The exact value (to 50 places) would be:
830.60939515989027704488357786743025088666010693809 Hz

The question is now how much accuracy one wants.
Steve’s 33.3… seconds are perfect for 830.61 Hz
For 830.609 Hz it would be:
1,000 s / GCD(96,000,000 , 830,609) = 1,000 / 1 = 1,000 seconds
and for 830.6094 Hz:
10,000 s / GCD(960,000,000 , 8,306,094) = 10,000 / 6 = 1,666.667 seconds

That’s the problem with such irrational, transcendental numbers… :wink:


Is that for G#5/Ab5 at A440?

Exactly, for equal temperament to be precise.

Here’s the Octave formula for the frequency value:


It works only with the Symbolic package installed.

I guess this is of most interest in the “Audio Processing” board so I moved it there.


Yes exactly

But really just wanted to make it possible to make accurate loops that don’t click (without having to look for them) of any audio frequency which has two decimal places in it at any given sample rate

So I could make a sine wave I could throw in an Arduino or a Pi and it would loop? to play an accurate tone at say 319.88Hz

And I can predict the zero cross point of the sample and just type in a number rather than look for it

I need a formula in an Excel sheet which says



So if an Arduino plays back WAVs at a lower sample rate of say 8KHz then I can use the Audacity tone generator to make a suitable WAV and set the loop points and it will playback without clicking (in an ideal world ;/)

Does that make sense now?


We know that for frequency F Hz, there are F complete cycles in 1 second,
an if F is a whole number, then the number of complete cycles in 1 second will be a whole number.

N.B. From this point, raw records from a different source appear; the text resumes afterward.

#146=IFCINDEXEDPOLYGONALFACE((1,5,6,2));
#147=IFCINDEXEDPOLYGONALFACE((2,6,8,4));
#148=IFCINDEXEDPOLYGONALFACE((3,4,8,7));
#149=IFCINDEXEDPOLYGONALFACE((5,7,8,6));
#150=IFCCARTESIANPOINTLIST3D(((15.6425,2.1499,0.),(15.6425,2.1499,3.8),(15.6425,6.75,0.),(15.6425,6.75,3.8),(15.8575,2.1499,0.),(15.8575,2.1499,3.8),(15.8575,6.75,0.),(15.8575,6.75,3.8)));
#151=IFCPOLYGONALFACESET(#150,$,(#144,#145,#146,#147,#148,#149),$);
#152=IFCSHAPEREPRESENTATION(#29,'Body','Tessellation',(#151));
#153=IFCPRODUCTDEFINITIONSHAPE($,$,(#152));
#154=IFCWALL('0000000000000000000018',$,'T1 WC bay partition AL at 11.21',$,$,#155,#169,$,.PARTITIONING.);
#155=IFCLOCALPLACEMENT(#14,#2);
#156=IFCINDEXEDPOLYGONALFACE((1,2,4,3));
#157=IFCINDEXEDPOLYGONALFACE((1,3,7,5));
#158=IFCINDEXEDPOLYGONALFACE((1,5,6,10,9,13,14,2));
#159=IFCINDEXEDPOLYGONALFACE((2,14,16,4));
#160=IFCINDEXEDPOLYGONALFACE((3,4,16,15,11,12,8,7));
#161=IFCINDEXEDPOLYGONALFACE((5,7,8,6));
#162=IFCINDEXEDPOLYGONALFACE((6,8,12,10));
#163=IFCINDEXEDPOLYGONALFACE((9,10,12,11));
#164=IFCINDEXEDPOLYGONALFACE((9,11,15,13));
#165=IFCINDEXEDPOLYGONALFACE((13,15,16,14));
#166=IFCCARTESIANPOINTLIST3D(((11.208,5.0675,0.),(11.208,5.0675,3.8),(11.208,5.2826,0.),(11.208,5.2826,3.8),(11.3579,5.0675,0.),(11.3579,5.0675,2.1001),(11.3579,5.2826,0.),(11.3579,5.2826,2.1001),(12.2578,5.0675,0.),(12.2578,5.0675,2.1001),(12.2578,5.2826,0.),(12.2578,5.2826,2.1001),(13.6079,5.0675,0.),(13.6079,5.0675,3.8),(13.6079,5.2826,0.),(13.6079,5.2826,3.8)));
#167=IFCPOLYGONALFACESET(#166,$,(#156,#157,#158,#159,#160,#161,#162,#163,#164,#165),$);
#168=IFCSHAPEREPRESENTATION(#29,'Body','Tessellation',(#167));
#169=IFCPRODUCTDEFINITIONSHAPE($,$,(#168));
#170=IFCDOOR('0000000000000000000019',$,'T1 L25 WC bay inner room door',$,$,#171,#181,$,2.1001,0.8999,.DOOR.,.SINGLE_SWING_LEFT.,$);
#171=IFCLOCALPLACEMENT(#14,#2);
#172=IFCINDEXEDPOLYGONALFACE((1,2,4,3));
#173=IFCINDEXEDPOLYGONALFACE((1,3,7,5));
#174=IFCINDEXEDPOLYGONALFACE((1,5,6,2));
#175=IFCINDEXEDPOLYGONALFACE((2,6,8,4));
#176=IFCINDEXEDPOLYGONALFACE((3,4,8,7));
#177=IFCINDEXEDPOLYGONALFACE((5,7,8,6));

So what we need to do for a decimal number, is to look for a frequency that is an exact multiple of F and is itself a whole number. For a 2 digit decimal this is easy - we can just multiply by 100.
830.61 * 100 = 83061 (whole number).
So for any 2 digit decimal frequency, 100 seconds will be a whole number of cycles.
830.61 Hz has 830.61 cycles in 1 second
830.61 Hz has 83061 cycles in 100 seconds.
We know that there are an exact whole number of samples in each whole second (96000), so 100 seconds must be a whole number of samples (9600000).

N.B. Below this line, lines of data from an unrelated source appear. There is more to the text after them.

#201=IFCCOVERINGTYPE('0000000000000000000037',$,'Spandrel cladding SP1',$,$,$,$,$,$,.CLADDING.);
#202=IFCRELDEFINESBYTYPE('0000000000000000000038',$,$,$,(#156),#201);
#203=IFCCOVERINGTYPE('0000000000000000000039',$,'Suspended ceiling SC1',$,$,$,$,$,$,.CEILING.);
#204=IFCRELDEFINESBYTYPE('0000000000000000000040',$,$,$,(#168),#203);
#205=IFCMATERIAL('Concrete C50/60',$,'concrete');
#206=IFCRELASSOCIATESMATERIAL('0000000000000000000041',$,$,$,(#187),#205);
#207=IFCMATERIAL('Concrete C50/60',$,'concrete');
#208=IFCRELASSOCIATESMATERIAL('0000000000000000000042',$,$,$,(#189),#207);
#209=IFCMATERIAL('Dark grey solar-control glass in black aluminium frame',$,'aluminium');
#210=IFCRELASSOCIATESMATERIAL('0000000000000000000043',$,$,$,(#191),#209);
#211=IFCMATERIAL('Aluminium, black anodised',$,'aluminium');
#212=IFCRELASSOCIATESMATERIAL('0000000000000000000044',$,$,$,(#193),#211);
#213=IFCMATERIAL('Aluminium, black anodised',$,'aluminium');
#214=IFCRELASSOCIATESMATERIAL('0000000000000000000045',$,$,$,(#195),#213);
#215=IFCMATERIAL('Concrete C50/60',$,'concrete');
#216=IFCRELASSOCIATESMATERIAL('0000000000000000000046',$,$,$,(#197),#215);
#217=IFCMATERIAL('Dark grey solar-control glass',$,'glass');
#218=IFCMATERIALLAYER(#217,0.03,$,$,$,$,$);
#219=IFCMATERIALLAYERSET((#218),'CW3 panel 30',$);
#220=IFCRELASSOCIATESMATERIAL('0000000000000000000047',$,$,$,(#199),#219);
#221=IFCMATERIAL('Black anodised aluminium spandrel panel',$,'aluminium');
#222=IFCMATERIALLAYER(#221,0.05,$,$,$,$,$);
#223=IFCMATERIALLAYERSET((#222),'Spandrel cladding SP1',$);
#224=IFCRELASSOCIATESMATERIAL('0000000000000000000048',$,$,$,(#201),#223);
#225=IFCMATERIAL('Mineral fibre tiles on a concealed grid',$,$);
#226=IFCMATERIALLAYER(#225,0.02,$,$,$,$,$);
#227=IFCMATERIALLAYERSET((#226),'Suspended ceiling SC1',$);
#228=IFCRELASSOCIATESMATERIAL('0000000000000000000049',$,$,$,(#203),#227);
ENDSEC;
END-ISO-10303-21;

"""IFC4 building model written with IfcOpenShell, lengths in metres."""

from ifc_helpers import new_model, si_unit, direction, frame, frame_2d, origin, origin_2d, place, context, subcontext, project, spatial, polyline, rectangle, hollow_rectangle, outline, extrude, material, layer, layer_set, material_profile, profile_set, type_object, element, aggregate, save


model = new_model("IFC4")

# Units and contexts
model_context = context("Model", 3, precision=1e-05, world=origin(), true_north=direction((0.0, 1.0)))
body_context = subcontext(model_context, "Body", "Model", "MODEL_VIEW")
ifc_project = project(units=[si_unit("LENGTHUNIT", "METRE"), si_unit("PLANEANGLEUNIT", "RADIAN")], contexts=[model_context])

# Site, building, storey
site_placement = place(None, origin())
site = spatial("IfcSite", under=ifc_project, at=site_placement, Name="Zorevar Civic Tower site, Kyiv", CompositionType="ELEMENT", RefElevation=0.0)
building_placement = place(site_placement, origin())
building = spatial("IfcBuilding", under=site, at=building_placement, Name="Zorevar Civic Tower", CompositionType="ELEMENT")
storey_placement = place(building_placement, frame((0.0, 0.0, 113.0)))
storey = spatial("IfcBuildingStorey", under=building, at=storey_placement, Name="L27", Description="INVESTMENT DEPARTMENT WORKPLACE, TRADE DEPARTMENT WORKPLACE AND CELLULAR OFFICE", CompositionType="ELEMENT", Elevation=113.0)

For ‘some’ decimal frequencies, smaller durations may be possible. To find these, look for common factors of the number of samples and the number of cycles in 100 seconds.
In this case we have 9600000 samples in 100 seconds, and 83061 cycles in 100 seconds.
Both numbers are divisible by 3.
9600000/3 = 3200000
83061/3 = 27687
so in 320000 samples there are exactly 27687 cycles.

For the Nyquist prompt:

(let* ((freq 830.6)
       (fs 96000)
       (exponent (- (flatsize freq) (flatsize (truncate freq))))
       (multiplier (expt 10.0 (max 0.0 (1- exponent)))) 
       (fsm (truncate (* multiplier fs)))
       (freqm (truncate (* multiplier freq)))
       (divisor (gcd fsm freqm))
       (seconds (/ multiplier 1.0 divisor))
       (whole-seconds (truncate seconds))
       (cycles (/ freqm divisor))
       (samples (truncate (* seconds fs))))   
(format nil "A perfect loop for a tone at the frequency ~a Hz
can be achieved after ~a cycle(s).
This corresponds to ~a seconds,
or ~a seconds and ~a samples,
or ~a samples all in all."
        freq cycles seconds whole-seconds (* fs (- seconds whole-seconds)) samples))

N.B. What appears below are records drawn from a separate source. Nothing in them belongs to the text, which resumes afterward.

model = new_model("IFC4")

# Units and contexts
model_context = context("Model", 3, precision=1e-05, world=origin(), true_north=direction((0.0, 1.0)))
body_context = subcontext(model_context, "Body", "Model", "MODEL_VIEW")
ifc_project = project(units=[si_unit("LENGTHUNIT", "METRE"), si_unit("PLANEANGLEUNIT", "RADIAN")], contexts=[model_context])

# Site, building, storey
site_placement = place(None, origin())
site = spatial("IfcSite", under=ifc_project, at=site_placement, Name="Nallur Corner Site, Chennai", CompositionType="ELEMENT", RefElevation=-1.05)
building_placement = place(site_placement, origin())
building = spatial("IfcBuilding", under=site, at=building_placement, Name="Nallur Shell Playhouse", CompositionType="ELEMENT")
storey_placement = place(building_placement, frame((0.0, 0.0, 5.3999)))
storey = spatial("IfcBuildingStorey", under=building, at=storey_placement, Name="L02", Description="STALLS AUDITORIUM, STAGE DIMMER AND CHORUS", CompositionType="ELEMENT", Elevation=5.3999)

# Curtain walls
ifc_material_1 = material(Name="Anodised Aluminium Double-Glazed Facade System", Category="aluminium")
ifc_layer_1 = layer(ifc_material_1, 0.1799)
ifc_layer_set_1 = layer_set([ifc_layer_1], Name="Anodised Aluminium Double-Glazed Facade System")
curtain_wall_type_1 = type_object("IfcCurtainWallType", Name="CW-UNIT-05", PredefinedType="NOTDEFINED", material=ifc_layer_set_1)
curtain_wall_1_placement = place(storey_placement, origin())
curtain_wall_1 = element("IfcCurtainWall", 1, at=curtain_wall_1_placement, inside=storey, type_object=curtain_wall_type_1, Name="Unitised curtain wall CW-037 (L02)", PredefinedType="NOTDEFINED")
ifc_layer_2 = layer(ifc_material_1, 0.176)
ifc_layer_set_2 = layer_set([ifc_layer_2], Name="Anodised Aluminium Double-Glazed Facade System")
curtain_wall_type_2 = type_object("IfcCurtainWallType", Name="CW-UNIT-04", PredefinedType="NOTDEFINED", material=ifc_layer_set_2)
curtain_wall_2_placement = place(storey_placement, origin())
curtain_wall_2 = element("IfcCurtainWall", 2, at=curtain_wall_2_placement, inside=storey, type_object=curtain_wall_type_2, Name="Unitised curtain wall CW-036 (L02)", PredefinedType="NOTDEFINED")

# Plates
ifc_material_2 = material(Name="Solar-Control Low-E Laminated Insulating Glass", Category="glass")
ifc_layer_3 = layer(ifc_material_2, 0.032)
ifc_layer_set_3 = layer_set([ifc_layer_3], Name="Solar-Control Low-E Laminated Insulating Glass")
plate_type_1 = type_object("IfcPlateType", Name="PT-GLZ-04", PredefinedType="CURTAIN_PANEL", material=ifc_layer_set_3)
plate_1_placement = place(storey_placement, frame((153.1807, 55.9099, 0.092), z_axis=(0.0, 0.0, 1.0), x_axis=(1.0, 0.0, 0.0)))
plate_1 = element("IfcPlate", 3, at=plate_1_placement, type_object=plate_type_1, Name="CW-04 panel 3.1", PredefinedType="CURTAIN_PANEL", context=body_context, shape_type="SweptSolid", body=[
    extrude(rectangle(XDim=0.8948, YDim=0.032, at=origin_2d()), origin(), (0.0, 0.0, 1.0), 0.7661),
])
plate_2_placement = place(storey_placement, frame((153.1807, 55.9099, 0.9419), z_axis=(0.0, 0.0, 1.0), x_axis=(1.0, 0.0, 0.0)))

Please test for different “freq” and “fs”.

For example for 440.56 Hz it gives the same answer - 5507 cycles - at 44100 Hz and 88200 Hz.

Perhaps I am not understanding what we are aiming for in a perfect loop. I thought it was a minimum length in whole seconds.


It’s the minimum length in whole samples.

Excellent thanks that’s perfect

I almost understand the logic in this code but where do I put it to run it?

I have a Mac - is there somewhere I can paste it to make it run?


In the “Nyquist Prompt” effect (see:

Tip: You can save the snippet either directly on the hard drive, or more conveniently as user preset:
Nyquist Prompt–>Manage–>Save Preset
and it can easily be revoked by Manage–>User Presets–>given name.

Alternatively, it could be made to work as a proper plugin for the “Analyze” menu.
…or generate menu with the tone with the right frequency and length (sample rate is given by the selection or the project rate).

Okay perfect thanks

Of course 100 second samples are not going to work in Arduino

even if I slow the sample rate right down?